Include paired reads from broken pairs
When a pair is broken, either because only one read in the pair matches, or because the distance or relative orientation is wrong, the reads are placed and colored as single reads, but you can still extract them by checking this box.
Include single reads
This will include reads that are marked as single reads (as opposed to paired reads). Note that paired reads that have been broken during assembly are not included in this category.
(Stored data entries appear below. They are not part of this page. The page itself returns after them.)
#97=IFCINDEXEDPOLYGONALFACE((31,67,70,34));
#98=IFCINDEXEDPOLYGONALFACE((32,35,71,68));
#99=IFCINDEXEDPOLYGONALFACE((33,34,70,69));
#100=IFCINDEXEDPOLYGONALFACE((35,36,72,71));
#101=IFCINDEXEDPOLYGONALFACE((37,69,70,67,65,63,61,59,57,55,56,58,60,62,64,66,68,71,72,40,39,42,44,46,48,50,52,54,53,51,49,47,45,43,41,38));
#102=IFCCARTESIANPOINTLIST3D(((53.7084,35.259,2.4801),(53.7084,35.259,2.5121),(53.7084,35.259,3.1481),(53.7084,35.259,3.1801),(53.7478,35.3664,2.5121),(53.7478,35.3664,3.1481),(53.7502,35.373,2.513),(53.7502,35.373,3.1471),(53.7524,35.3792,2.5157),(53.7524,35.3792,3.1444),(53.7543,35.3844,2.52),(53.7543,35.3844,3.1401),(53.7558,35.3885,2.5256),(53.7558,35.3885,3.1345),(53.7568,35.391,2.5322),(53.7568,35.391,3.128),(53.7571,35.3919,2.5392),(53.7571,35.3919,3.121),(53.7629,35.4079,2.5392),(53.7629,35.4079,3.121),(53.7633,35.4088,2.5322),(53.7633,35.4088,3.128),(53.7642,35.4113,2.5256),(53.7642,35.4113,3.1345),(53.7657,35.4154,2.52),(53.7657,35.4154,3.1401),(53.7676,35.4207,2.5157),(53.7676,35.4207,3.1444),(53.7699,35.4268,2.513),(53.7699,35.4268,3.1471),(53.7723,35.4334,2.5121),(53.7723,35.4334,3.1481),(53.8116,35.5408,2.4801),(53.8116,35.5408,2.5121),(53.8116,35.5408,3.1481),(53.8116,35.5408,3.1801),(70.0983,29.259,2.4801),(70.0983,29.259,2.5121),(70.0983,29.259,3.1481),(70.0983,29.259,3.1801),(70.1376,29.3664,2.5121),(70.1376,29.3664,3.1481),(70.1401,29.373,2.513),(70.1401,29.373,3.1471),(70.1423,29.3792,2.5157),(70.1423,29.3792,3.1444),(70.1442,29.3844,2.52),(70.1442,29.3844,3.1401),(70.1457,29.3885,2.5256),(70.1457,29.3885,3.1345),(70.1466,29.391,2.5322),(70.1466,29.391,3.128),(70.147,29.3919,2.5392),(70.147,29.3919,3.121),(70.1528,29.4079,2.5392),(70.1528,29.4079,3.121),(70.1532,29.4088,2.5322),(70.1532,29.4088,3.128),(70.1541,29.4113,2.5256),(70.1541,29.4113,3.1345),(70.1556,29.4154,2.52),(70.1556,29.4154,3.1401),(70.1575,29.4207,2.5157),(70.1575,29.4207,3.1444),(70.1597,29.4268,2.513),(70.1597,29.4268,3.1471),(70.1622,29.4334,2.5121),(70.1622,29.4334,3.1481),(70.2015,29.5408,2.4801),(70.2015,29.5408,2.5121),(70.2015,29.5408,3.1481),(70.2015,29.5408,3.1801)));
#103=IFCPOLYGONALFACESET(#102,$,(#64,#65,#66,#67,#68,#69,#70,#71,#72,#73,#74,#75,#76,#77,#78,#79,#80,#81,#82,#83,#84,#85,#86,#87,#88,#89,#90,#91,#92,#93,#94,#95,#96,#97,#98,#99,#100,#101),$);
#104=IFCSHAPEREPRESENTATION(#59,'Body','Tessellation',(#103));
Single reads that come from trimming paired sequence lists are included in this category.
Match specificity
Include specific matches
Reads that only are mapped to one position.
Include non-specific matches
Reads that have multiple equally good alignments to the reference. These reads are colored yellow per default.
Alignment quality
Include perfectly aligned reads
Reads where the full read is perfectly aligned to the reference sequence (or consensus sequence for de novo assemblies). Note that at the end of the contig, reads may extend beyond the contig (this is not visible unless you make a selection on the read and observe the position numbering in the status bar). Such reads are not considered perfectly aligned reads because they don't align in their entire length.
Include reads with less than perfect alignment
Reads with mismatches, insertions or deletions, or with unaligned nucleotides at the ends (the faded part of a read).
Spliced status
Include spliced reads
Reads that are across an intron.
Include non spliced reads
Reads that are not across an intron.

Figure 22.38 shows two examples of output when the overlap track used as input was generated using the "Identify Graph Threshold Areas".

Image extractreads_based_on_overlaps_output
Figure 22.39: Output from Extract reads based on overlap. Top: The read mapping used as input. Middle: Output when "Only include reads within intervals" has been ticked. Bottom: Output when "Only include reads within intervals" has been deselected.